Mantos e xales foram tornando-se insígnias de classe inferior, de raça negra ou
de mulher da roça. Os adornos de rendas – rendas de ouro ou de veludo – das
mantilhas ou dos mantos de mulher – que outrora distinguiam as classes ou
subclasses – passaram assim a perder seus antigos significados, ao lado
daquelas distinções de origem regional, dentro da procedência africana das
mulheres servis, indicadas pelo modo de usarem seus xales ou seus panos da
Costa que, antes do professor M. J. Herskovits na América do Norte, tentamos
estudar no norte do Brasil com a colaboração do Sr. Cícero Dias como
desenhista.569 (...)
Das
nossas igrejas da época colonial sabe-se que mais de uma se embelezou com
objetos vindos do Oriente, alguns dos quais podem ser vistos em museus como o
de Arte Sacra de Salvador.
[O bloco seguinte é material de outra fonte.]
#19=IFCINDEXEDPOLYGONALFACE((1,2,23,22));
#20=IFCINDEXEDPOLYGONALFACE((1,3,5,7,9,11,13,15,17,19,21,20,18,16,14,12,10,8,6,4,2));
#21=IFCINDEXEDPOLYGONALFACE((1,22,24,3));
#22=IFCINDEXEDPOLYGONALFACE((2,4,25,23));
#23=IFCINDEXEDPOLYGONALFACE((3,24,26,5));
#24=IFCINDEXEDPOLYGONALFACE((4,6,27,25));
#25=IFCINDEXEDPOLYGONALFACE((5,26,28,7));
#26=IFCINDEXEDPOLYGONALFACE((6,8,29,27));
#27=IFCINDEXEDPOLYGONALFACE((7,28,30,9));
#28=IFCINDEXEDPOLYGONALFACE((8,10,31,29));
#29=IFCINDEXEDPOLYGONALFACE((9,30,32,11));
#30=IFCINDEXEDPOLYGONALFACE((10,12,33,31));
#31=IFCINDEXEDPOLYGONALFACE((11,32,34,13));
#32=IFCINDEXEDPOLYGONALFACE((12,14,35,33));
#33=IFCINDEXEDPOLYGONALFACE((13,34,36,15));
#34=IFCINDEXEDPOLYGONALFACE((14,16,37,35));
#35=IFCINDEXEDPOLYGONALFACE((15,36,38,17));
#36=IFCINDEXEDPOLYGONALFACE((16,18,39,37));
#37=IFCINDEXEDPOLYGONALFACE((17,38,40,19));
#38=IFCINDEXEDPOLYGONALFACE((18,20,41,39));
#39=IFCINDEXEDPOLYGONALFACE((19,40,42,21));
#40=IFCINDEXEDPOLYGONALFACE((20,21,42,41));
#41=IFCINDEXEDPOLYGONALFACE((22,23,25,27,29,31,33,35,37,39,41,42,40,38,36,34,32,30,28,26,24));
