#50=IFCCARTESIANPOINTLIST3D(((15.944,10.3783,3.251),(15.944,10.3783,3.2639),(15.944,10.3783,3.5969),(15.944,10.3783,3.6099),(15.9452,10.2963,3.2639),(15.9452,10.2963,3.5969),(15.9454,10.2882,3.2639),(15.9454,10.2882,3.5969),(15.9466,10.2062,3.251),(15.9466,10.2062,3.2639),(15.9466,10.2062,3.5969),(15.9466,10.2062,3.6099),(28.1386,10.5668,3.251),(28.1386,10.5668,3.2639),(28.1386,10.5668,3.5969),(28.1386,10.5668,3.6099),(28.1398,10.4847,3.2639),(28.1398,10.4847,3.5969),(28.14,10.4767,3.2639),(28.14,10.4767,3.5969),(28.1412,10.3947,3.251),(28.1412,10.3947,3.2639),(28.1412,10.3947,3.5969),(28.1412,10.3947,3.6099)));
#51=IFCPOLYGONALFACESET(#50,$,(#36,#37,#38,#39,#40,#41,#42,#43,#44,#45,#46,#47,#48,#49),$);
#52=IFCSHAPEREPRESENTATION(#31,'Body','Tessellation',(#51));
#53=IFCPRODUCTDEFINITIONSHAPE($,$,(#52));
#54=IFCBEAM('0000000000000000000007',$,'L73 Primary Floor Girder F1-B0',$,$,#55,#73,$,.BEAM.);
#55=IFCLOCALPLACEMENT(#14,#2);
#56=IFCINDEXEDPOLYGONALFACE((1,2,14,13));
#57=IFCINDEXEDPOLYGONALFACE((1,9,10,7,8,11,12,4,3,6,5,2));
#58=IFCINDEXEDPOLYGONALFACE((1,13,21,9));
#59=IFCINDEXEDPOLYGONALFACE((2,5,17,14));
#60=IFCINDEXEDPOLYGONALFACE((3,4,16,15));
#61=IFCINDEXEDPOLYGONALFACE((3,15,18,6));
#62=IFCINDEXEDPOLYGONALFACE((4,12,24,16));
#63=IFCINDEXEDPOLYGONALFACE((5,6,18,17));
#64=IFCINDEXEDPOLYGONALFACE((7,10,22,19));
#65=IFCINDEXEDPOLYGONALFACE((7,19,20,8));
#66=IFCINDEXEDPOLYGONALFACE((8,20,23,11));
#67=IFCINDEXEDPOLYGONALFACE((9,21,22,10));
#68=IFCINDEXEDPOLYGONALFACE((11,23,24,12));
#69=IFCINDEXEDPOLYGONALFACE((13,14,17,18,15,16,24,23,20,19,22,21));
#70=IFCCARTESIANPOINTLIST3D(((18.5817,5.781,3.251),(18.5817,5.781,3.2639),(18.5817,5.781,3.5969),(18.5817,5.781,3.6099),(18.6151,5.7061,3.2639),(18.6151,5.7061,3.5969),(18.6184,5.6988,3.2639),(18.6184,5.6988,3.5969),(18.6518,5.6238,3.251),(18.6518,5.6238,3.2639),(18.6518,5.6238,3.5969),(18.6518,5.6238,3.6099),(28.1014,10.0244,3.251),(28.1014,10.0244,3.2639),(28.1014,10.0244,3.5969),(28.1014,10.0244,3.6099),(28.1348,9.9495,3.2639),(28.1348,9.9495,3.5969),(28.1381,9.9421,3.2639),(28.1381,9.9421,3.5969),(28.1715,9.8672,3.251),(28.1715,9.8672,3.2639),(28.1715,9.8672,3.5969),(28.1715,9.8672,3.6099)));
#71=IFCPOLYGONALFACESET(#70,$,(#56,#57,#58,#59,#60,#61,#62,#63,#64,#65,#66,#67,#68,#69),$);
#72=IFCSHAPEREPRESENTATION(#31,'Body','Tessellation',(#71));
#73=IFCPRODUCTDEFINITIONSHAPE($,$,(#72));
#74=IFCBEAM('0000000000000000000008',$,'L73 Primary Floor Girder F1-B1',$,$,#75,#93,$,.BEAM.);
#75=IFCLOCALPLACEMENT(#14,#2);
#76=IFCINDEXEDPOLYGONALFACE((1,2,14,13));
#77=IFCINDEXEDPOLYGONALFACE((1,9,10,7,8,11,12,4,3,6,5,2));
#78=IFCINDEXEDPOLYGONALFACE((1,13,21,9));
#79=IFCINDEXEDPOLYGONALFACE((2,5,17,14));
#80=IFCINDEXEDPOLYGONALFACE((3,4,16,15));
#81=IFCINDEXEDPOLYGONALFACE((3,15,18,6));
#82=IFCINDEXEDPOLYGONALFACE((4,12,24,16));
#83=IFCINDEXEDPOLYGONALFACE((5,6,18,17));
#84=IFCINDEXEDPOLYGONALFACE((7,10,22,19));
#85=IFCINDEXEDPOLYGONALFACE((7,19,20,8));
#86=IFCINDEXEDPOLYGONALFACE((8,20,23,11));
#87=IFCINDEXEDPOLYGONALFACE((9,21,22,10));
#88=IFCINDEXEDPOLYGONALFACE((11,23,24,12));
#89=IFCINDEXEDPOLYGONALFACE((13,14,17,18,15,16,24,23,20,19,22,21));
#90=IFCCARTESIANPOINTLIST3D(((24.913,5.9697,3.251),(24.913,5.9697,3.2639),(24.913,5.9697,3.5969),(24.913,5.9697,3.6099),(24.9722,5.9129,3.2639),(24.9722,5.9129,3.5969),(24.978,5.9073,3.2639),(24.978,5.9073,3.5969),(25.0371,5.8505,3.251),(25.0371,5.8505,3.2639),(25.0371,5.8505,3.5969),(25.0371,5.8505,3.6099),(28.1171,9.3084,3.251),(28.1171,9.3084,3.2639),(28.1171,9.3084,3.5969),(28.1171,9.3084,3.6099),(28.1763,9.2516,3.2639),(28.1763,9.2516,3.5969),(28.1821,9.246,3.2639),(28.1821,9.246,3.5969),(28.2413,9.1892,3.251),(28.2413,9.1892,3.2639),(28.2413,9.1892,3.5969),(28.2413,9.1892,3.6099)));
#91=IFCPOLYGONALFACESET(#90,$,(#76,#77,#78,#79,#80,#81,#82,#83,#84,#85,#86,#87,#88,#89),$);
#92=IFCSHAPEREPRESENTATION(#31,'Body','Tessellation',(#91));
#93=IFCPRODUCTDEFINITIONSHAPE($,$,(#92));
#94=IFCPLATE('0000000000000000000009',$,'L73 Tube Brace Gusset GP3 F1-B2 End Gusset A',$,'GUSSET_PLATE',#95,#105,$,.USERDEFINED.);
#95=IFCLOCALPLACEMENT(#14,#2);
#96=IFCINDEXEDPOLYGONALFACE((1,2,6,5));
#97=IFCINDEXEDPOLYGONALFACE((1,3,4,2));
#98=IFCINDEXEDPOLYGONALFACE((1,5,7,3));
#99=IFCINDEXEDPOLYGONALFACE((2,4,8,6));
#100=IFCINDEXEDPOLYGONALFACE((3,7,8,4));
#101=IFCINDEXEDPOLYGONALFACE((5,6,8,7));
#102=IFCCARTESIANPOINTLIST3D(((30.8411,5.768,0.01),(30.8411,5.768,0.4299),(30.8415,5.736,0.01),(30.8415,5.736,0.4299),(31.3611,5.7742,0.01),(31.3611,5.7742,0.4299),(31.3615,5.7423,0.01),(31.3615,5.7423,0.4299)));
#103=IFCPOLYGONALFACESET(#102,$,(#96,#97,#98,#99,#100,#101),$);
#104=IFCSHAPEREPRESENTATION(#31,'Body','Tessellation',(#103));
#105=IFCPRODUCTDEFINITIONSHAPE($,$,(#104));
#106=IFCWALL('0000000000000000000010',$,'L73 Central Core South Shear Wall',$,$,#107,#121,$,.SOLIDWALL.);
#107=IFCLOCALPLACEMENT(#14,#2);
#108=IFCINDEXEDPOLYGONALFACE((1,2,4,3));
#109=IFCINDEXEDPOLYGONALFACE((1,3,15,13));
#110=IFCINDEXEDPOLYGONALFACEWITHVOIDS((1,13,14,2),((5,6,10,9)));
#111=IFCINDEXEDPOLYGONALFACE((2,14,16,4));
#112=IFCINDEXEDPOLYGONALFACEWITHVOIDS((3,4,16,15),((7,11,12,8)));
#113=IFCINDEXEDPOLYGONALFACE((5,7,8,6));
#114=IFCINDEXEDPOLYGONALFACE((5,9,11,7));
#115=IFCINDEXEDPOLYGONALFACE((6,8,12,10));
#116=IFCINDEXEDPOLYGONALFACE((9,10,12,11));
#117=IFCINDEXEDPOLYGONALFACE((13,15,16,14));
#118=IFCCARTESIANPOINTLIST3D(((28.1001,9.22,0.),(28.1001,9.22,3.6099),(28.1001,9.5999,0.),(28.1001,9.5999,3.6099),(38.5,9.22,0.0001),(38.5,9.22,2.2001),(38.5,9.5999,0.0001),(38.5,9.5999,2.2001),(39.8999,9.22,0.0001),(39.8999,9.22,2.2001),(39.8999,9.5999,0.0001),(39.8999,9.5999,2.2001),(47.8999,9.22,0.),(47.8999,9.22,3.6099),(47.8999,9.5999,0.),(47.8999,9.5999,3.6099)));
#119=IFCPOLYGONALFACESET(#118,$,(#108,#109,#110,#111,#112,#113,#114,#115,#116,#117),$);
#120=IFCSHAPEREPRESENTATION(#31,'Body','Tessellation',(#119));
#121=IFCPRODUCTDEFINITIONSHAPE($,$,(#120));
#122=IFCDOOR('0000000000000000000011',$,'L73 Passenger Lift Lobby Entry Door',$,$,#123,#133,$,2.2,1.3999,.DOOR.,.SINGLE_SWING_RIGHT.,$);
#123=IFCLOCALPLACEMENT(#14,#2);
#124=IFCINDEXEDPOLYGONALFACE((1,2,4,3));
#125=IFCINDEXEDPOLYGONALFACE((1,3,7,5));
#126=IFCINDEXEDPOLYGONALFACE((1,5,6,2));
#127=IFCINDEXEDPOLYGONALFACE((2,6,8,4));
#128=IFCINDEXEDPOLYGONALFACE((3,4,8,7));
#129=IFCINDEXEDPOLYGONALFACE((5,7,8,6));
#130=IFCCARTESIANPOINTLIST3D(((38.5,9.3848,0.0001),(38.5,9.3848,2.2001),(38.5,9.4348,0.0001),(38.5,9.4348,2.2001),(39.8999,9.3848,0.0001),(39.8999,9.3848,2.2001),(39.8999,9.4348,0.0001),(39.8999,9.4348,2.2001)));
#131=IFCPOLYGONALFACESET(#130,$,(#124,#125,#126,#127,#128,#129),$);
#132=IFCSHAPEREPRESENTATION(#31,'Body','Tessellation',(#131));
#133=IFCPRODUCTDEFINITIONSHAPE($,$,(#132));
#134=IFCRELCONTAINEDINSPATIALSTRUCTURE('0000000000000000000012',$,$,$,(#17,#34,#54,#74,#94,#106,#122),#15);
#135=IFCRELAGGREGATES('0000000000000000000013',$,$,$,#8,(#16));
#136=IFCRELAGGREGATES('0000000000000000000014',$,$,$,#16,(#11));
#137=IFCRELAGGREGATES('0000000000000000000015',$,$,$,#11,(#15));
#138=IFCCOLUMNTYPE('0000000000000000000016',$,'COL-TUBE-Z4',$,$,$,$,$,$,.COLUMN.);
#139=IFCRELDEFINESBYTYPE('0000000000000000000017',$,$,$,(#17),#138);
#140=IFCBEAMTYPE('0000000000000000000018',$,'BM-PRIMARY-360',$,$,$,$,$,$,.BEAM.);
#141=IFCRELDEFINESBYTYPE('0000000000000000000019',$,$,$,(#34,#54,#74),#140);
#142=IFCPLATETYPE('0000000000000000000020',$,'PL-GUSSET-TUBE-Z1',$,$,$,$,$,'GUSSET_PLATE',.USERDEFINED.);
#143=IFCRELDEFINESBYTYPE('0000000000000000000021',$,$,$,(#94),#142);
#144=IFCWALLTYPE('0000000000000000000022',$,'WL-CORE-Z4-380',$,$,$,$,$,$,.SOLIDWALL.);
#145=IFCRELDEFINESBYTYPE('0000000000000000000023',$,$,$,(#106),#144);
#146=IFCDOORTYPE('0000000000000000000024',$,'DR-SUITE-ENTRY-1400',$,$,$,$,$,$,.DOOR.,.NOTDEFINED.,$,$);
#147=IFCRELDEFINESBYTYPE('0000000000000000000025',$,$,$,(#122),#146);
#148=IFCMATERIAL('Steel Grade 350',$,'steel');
Schaeffer, quando esteve no Brasil em 1849,
admirou-se de ver num mosteiro do Rio de Janeiro, construído – diz ele – em
1671 – “a large China figure of our Saviour in the Cross” – numa capela
que brilhava de cores orientais: “the walls with porcelain and China
squares, relived by gilt and scarlet lines”.576
Em Sabará, em Minas Gerais, umas das igrejas por nós visitada em 1936 na
companhia do historiador Afonso Arinos de Melo Franco, ostenta adornos
orientais que dão ao interior do templo católico cores quase de pagode. De modo
que é possível que a cristianização ou a catequização dos indígenas por meio da
“pintura decorativa”, nas igrejas – pintura a que se refere o Sr. Luís Jardim,
em sugestivo estudo sobre igrejas de Minas Gerais577
– tenha se feito, mais de uma vez, no Brasil, com o emprego de adornos ou
decorações orientais. Buda e Islã parecem ter concorrido, no nosso País, para
conduzir a Cristo ou a Roma indígenas fascinados por vermelhos, amarelos e
azuis do Oriente.
Oriental
– mouro, ao que parece – na origem mais remota dos seus requintes volutuosos
parece que se deve considerar o hábito, que o Brasil herdou de Portugal, das
senhoras, dos meninos e dos próprios senhores das casas-grandes e até dos
sobrados deixarem catar o cabelo ou coçar a cabeça por mãos ou dedos de
escravos que matavam, ou simulavam matar, piolhos, com pequenos trincos
característicos: os cafunés. Pois na ausência de piolhos, regalavam-se ioiôs ou
iaiás mais dengosas com trincos ou cafunés de mucamas, na cabeça e por entre o
cabelo, isto é, com a catação simulada ou simbólica de piolhos pelas pontas das
unhas finas das mulatas ou das negras. Às vezes era o contrário que se
verificava: a iaiá branca catava a mucama ou o malungo. No seu Vocabulário
pernambucano, Pereira da Costa recorda, a propósito desse tipo de cafuné,
os versos populares:
“Eu
adoro uma iaiá
Que
quando está de maré
Me
chama muito em segredo
Pra me
dar seu cafuné
Não
sei que jeito ela tem
No
revolver dos dedinhos
Qu’eu
fecho os olhos, suspiro
Quando
sinto os estalinhos”.
“Se se
acreditasse nas más línguas, algumas damas tinham razões mais poderosas para
cultivar assiduamente o cafuné do que o desejo de uma doce superexcitação de
nervos, seguido de um estado de prostração que chega ao êxtase”, escreveu
Charles Expilly.578 Pormenoriza o europeu
escandalizado com o costume brasileiro volutuosamente oriental: “À hora do
grande calor [...] as senhoras recolhidas no interior dos aposentos deitam-se
no colo da mucama favorita, entregando-lhe a cabeça. A mucama passa e repassa
seus dedos indolentes na espessa cabeleira que se desenrola diante dela. Mexe
em todos os sentidos naquela luxuriante meada de seda. Coça delicadamente a
raiz dos cabelos, beliscando a pele com habilidade e fazendo ouvir, de tempos a
tempos, um estalido seco entre a unha do polegar e a do dedo médio. Esta
sensação torna-se uma fonte de prazer para o sensualismo das crioulas. Um
volutuoso arrepio percorre os seus membros ao contato dos dedos acariciadores.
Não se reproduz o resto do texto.